When the hospital grounds were bombed in Gaza this week, it was a revealing drama. Many thought Israel was responsible for a simple reason: Israel had been bombing Gaza, and a hospital in Gaza was bombed. Hamas is experienced and talented in propaganda, and it immediately pumped out the word: Israel targeted and bombed the hospital. What used to be called the Arab street exploded with demonstrations. Within a day or two the preponderance of evidence and intelligence showed it wasn’t Israel but an errant terrorist rocket.
It matters who was responsible because it matters who killed innocent people. But it is in the nature of what is under way in Gaza that there will be large-casualty events down the road. People will immediately blame Israel because they wish to, and because Israel is in Gaza. The propagandists will do their instant work. Shortly after the hospital explosion Rep. Rashida Tlaib tweeted: “Israel just bombed the Baptist Hospital killing 500 Palestinians (doctors, children, patients) just like that.” She and her friends in the Squad are quickly becoming America’s Jeremy Corbyn, the British Labour Party leader who’d grown so extreme and anti-Semitic in his rhetoric—he called Hezbollah and Hamas his “friends”—that in 2020 he was thrown out of the party.
A Gaza invasion will be brutal, too, for Israeli troops. The other night in New York a great retired American general spoke of trying to hold such places—of the effect on soldiers, the psychic and emotional price, and the attrition, with time, of their capacity, as they go room to room to clear them. “How many rooms are there in Gaza?” he asked.

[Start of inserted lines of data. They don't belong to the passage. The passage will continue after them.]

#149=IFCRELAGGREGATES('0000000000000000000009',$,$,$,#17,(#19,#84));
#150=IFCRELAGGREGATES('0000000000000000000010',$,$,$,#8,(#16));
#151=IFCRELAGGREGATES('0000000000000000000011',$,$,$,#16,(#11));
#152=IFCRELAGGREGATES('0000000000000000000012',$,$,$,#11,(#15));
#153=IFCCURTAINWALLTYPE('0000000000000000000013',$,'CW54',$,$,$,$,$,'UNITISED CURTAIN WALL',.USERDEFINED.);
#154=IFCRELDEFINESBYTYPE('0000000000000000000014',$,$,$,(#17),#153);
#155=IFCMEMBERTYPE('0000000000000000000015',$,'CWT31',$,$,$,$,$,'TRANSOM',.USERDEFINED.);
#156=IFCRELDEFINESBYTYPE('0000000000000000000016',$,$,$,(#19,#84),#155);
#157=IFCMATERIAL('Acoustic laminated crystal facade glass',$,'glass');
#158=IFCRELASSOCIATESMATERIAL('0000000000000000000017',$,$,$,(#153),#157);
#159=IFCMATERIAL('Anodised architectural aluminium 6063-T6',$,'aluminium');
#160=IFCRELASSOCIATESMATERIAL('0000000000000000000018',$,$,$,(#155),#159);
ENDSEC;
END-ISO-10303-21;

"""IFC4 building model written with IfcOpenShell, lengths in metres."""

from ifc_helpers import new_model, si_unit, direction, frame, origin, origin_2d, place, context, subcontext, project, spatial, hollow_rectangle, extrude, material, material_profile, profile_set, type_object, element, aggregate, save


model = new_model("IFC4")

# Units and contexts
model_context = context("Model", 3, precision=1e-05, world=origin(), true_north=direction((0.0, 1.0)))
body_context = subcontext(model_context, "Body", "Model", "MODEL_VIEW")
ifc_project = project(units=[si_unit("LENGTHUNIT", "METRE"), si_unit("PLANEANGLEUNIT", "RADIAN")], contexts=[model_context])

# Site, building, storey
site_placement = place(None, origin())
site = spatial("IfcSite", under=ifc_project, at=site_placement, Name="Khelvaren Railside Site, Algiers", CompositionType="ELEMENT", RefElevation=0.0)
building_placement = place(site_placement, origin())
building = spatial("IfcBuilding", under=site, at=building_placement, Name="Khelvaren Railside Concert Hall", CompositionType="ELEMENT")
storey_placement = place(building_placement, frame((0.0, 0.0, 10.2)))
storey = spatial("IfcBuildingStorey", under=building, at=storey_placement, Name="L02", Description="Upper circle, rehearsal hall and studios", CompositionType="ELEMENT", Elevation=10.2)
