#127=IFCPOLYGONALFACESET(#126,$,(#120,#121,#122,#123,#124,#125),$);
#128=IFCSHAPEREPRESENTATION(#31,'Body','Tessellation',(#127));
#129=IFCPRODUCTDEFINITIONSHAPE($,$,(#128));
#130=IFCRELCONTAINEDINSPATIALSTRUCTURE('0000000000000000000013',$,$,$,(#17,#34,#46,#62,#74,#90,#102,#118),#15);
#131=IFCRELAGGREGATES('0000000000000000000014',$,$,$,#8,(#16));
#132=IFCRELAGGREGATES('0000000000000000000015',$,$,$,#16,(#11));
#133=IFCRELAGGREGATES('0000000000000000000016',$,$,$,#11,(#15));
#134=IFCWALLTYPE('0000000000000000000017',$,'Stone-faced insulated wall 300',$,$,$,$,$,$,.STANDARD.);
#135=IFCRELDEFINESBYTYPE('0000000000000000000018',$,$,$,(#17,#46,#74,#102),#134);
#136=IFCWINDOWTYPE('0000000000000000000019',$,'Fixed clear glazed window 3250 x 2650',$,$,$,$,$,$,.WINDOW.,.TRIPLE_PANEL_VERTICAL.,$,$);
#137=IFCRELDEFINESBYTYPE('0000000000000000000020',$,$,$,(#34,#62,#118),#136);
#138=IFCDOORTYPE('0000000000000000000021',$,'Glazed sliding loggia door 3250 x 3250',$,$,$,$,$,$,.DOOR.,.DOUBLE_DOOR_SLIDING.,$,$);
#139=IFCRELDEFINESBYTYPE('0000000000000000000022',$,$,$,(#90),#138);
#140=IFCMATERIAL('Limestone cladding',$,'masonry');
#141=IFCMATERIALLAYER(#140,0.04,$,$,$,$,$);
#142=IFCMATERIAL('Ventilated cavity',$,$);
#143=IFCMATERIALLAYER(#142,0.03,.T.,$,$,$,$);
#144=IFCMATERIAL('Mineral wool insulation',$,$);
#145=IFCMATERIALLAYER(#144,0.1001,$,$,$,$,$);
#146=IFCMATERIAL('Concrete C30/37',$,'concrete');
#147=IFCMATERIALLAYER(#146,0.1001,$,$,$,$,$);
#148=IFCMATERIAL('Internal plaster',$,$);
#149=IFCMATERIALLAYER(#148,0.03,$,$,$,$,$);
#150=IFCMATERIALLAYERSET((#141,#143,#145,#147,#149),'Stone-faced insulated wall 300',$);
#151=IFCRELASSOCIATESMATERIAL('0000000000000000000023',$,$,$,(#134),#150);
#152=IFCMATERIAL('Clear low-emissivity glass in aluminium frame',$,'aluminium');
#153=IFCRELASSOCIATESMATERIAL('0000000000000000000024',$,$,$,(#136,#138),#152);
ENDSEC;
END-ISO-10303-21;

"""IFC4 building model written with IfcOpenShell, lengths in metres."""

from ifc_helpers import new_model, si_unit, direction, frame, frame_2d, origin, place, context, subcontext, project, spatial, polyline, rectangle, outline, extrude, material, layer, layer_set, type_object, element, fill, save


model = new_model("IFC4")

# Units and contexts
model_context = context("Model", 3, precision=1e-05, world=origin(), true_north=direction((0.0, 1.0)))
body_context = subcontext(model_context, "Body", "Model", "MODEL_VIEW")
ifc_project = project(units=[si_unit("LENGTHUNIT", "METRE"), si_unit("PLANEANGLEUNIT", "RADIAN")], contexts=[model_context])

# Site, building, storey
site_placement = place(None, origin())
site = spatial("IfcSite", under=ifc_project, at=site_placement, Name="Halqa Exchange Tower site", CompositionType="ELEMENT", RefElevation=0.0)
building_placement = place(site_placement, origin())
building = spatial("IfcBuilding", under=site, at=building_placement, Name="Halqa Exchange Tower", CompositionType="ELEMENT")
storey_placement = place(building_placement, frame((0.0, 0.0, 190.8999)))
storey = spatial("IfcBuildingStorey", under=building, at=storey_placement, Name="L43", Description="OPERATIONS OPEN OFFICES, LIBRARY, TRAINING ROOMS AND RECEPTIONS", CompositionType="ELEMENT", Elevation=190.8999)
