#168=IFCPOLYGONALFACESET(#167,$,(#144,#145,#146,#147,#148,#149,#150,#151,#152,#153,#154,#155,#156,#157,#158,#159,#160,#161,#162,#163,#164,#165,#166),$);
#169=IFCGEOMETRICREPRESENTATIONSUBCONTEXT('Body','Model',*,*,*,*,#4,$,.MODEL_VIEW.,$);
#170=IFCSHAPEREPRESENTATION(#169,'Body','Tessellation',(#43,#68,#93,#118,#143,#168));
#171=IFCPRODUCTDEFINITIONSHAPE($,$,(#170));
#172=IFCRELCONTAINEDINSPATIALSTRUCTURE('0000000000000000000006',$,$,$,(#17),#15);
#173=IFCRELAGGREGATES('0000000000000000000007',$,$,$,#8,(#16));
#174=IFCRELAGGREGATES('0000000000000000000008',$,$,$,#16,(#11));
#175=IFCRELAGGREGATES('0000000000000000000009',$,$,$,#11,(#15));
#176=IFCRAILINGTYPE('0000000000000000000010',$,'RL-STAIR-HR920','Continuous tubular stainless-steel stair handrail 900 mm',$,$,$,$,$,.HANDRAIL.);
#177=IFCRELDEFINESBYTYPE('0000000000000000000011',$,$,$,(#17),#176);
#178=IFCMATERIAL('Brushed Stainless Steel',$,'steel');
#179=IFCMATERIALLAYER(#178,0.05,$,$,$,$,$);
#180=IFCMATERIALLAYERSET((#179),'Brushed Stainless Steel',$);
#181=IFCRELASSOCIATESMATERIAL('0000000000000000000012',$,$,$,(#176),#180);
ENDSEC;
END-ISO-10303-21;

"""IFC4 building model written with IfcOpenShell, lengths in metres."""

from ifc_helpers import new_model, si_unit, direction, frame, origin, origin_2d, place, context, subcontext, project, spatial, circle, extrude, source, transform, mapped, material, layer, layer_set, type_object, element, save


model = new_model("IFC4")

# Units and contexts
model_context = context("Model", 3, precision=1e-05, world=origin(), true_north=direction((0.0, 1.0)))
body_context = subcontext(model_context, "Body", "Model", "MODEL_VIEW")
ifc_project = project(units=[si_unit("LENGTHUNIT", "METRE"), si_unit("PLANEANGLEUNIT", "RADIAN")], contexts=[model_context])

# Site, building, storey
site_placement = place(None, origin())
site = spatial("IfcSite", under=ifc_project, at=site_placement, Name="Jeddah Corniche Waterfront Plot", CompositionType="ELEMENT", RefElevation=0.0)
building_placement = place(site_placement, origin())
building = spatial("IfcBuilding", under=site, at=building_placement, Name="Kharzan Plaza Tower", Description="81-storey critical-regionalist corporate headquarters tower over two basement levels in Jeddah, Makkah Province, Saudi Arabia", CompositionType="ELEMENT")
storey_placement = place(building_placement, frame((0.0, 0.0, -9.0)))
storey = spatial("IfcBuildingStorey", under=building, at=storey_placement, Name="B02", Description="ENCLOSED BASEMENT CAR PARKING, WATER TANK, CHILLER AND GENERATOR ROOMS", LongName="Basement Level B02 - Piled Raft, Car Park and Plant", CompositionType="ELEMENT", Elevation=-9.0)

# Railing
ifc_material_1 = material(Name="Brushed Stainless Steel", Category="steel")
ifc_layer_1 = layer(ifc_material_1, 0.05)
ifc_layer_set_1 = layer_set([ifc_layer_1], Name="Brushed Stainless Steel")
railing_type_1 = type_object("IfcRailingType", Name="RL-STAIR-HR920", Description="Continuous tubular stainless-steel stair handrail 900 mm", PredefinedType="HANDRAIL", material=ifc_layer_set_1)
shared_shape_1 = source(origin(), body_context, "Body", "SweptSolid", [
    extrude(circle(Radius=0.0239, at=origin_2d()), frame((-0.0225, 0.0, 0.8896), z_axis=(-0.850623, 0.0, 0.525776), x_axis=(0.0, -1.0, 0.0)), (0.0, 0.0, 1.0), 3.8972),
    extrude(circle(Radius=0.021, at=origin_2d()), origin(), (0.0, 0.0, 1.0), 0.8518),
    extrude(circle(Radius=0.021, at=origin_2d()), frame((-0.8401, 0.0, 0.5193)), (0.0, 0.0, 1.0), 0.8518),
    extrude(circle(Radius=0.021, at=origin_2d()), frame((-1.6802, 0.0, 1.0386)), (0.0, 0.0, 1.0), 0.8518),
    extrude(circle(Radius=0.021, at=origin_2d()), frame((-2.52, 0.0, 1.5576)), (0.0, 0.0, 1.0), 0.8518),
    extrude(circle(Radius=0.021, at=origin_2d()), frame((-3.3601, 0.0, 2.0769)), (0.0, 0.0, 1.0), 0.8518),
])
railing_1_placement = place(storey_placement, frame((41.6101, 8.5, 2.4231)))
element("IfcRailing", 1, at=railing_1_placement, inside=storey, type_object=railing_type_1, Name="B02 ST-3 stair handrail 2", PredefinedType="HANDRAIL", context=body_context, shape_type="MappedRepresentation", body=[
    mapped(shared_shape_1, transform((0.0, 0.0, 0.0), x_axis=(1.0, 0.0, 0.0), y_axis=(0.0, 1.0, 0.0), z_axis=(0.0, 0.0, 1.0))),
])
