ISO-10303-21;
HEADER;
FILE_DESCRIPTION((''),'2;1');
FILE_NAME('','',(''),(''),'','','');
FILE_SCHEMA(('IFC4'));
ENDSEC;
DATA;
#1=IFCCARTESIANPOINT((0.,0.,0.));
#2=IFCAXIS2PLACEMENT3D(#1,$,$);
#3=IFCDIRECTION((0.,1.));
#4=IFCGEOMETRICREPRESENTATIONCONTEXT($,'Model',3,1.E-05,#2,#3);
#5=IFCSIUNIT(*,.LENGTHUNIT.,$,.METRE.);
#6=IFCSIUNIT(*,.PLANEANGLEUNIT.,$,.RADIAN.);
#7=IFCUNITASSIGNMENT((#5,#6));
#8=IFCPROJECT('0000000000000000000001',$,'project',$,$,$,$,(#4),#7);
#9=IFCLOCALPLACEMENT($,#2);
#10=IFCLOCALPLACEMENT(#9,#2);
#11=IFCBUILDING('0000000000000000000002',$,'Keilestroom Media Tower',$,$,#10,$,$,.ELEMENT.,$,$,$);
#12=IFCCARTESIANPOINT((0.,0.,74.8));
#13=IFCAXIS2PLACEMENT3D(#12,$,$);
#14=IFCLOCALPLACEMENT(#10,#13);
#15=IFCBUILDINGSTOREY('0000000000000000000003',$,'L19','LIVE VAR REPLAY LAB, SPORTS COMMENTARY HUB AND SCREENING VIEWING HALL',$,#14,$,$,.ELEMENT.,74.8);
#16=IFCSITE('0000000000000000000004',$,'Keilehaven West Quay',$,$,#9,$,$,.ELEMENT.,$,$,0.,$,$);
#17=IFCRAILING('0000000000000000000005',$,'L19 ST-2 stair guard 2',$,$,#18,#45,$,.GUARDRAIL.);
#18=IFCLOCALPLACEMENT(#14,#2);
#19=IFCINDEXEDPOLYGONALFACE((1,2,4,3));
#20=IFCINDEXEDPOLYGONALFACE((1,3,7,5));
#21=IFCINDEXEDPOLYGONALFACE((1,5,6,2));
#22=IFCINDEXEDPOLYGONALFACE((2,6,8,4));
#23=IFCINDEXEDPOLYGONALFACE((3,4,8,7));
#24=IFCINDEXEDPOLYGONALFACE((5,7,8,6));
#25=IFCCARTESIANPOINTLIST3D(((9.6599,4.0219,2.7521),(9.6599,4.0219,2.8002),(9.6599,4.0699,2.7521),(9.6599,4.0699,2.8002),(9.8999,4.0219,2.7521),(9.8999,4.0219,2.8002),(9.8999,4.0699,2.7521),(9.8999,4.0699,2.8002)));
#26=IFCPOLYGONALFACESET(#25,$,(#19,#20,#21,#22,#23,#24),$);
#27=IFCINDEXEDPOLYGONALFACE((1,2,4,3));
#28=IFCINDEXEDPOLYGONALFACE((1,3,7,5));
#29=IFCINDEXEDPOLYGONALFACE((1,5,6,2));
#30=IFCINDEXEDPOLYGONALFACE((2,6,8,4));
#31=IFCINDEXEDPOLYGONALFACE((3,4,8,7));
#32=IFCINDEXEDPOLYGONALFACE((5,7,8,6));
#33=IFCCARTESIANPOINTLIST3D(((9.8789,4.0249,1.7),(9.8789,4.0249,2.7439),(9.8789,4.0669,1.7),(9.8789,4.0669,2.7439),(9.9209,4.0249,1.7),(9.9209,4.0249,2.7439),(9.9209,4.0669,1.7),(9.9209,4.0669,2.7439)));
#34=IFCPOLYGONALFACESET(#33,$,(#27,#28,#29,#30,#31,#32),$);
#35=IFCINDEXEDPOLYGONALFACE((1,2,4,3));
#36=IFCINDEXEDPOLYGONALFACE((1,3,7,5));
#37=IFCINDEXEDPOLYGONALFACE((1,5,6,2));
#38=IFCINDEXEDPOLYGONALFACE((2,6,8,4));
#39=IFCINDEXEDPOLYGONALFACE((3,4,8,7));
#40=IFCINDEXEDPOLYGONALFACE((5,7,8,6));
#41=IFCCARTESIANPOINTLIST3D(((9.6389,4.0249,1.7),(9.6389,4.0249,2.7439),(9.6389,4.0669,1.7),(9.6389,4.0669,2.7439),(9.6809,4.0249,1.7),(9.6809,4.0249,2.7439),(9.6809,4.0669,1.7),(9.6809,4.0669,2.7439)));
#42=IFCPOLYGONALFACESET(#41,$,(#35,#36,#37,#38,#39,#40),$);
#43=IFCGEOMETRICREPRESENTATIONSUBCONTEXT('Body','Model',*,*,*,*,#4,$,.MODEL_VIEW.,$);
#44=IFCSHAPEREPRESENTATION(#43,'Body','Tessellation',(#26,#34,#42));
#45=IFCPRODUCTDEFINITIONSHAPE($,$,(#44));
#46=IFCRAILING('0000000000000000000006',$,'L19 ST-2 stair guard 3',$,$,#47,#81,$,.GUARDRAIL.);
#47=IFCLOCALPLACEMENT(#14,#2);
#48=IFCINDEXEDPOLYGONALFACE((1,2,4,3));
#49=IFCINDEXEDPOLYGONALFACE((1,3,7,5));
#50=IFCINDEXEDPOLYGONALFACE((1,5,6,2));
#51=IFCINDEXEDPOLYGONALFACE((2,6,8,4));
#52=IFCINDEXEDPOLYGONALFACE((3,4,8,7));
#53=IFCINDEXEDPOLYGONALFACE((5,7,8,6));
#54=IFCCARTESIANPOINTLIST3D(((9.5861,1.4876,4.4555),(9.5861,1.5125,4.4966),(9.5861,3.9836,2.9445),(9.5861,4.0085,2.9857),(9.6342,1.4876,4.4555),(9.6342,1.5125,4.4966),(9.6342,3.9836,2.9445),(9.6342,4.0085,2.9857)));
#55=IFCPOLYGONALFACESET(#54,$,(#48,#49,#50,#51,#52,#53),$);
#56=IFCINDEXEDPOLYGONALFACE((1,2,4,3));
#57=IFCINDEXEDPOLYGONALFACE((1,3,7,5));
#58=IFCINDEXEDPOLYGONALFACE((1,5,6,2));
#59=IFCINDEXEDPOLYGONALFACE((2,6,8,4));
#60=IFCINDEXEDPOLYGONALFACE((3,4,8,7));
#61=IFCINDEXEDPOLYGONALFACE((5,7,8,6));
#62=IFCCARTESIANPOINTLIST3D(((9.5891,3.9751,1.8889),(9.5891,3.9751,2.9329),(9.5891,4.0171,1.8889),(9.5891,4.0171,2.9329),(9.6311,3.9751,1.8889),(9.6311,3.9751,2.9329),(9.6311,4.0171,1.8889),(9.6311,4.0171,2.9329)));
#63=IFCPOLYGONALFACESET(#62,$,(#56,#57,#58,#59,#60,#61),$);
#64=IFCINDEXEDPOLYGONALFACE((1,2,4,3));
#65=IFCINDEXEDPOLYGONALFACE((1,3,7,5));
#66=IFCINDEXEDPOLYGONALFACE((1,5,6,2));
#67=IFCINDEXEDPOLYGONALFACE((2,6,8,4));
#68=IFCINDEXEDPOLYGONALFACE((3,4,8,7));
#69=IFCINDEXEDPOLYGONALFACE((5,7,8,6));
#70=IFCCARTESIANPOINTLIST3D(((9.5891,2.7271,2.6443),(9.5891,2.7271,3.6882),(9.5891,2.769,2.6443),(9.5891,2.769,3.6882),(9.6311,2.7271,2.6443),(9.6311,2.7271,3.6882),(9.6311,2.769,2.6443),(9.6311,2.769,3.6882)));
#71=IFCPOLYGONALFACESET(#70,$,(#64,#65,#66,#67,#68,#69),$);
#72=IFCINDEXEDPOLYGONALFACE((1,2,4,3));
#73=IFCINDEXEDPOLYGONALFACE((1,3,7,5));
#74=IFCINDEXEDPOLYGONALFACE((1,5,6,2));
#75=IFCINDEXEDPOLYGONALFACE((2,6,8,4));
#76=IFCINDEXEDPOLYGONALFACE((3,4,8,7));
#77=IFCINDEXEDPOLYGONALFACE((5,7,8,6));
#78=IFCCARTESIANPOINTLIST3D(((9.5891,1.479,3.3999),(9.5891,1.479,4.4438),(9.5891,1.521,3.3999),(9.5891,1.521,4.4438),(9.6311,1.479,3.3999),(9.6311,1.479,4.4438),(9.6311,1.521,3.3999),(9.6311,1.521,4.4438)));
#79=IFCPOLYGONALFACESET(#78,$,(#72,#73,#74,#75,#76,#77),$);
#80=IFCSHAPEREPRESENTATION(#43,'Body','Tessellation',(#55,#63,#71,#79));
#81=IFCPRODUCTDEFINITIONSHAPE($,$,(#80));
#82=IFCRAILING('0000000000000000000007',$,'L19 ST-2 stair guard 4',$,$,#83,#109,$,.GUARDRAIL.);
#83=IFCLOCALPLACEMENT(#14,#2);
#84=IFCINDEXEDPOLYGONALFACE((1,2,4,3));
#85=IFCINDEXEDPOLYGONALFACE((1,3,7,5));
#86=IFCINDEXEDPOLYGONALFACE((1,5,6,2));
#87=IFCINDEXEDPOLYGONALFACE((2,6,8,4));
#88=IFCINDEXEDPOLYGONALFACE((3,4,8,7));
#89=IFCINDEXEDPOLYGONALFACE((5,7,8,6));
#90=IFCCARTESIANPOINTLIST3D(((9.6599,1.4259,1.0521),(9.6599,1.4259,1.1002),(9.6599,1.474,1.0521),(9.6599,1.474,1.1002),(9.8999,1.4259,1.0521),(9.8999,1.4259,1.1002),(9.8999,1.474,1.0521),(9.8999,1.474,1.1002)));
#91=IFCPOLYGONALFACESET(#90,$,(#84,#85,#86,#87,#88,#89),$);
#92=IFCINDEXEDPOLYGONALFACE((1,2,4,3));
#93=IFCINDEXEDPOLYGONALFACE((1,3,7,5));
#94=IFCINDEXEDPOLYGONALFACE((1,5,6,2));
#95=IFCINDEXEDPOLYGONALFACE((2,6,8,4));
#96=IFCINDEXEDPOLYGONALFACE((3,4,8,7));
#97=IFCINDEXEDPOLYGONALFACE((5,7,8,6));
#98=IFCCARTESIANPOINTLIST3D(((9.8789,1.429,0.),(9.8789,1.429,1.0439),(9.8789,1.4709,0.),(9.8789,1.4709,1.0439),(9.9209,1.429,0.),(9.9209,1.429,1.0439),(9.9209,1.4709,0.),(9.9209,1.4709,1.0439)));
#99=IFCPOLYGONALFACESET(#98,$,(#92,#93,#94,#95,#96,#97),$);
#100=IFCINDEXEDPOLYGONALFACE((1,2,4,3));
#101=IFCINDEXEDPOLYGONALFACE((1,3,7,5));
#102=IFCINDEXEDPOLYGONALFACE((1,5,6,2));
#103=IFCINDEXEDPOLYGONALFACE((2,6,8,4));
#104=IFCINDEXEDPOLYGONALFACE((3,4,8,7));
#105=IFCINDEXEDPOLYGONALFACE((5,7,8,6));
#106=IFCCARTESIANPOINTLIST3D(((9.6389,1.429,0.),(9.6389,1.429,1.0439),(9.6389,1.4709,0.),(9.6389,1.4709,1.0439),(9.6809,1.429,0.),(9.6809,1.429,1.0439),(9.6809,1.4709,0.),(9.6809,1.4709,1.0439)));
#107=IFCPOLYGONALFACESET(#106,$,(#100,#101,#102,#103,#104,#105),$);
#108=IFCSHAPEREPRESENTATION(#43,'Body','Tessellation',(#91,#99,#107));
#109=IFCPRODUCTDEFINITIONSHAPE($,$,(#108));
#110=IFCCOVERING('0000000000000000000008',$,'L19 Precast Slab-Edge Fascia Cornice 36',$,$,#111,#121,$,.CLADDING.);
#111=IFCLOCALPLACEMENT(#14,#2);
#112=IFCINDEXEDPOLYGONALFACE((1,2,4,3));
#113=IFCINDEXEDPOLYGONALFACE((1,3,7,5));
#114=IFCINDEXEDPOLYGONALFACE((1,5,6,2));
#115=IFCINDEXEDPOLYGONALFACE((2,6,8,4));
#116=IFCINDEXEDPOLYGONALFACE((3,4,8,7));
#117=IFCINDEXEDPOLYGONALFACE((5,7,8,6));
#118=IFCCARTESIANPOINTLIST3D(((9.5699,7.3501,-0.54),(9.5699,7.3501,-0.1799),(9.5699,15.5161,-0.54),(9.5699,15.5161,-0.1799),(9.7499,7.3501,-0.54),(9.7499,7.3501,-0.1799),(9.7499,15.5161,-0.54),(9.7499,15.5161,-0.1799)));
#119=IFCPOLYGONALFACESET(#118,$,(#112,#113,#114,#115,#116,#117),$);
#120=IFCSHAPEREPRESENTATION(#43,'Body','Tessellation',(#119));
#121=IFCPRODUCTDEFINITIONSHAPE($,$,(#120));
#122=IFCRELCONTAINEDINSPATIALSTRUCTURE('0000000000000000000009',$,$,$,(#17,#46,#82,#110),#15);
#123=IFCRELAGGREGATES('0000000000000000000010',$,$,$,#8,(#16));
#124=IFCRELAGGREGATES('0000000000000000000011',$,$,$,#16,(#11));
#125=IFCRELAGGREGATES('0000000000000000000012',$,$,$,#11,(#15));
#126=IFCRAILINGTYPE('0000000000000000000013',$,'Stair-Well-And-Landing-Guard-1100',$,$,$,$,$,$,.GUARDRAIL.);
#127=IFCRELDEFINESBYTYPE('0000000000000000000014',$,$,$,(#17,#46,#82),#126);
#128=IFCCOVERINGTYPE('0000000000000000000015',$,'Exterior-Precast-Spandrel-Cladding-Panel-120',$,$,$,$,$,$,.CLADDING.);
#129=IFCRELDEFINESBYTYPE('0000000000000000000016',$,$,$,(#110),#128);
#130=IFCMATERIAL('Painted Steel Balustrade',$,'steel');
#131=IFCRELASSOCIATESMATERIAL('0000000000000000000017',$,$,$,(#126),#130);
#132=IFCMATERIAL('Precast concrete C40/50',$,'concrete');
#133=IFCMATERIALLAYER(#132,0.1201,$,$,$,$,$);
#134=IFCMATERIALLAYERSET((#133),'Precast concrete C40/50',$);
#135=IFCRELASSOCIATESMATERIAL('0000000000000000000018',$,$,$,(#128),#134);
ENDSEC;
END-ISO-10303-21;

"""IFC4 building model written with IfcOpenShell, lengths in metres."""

from ifc_helpers import new_model, si_unit, direction, frame, origin, origin_2d, place, context, subcontext, project, spatial, rectangle, extrude, source, transform, mapped, material, layer, layer_set, type_object, element, save


model = new_model("IFC4")

# Units and contexts
model_context = context("Model", 3, precision=1e-05, world=origin(), true_north=direction((0.0, 1.0)))
body_context = subcontext(model_context, "Body", "Model", "MODEL_VIEW")
ifc_project = project(units=[si_unit("LENGTHUNIT", "METRE"), si_unit("PLANEANGLEUNIT", "RADIAN")], contexts=[model_context])

# Site, building, storey
site_placement = place(None, origin())
site = spatial("IfcSite", under=ifc_project, at=site_placement, Name="Keilehaven West Quay", CompositionType="ELEMENT", RefElevation=0.0)
building_placement = place(site_placement, origin())
building = spatial("IfcBuilding", under=site, at=building_placement, Name="Keilestroom Media Tower", CompositionType="ELEMENT")
storey_placement = place(building_placement, frame((0.0, 0.0, 74.8)))
storey = spatial("IfcBuildingStorey", under=building, at=storey_placement, Name="L19", Description="LIVE VAR REPLAY LAB, SPORTS COMMENTARY HUB AND SCREENING VIEWING HALL", CompositionType="ELEMENT", Elevation=74.8)

# Shared definitions
ifc_material_1 = material(Name="Precast concrete C40/50", Category="concrete")

# Railings
ifc_material_2 = material(Name="Painted Steel Balustrade", Category="steel")
railing_type_1 = type_object("IfcRailingType", Name="Stair-Well-And-Landing-Guard-1100", PredefinedType="GUARDRAIL", material=ifc_material_2)
railing_1_placement = place(storey_placement, frame((9.8999, 4.0459, 1.7)))
element("IfcRailing", 1, at=railing_1_placement, inside=storey, type_object=railing_type_1, Name="L19 ST-2 stair guard 2", PredefinedType="GUARDRAIL", context=body_context, shape_type="SweptSolid", body=[
    extrude(rectangle(XDim=0.0481, YDim=0.0481, at=origin_2d()), frame((0.0, 0.0, 1.0762), z_axis=(-1.0, 0.0, 0.0), x_axis=(0.0, -1.0, 0.0)), (0.0, 0.0, 1.0), 0.24),
    extrude(rectangle(XDim=0.042, YDim=0.042, at=origin_2d()), origin(), (0.0, 0.0, 1.0), 1.0439),
    extrude(rectangle(XDim=0.042, YDim=0.042, at=origin_2d()), frame((-0.24, 0.0, 0.0)), (0.0, 0.0, 1.0), 1.0439),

Finally, a Gaza invasion marks a historic gamble on the leadership of Prime Minister Benjamin Netanyahu. Will people have confidence in his judgment? This week the liberal newspaper Haaretz reported the families of the Israeli hostages have organized and begun a worldwide media campaign, with pro bono legal and media advisers. Amazingly, it reported, the families have even hired their own hostage negotiators—formerly high-placed veterans of Shin Bet, the security service, and Mossad who are believed to have “deep contacts in the Arab world.” “That’s how low their confidence is in Prime Minister Benjamin Netanyahu and his government.”
It is hard to lead a successful long war when that’s where you’re starting from.
I hope Israel digs deep, refortifies, and devotes its focus to making itself stronger than it seemed on Oct. 6.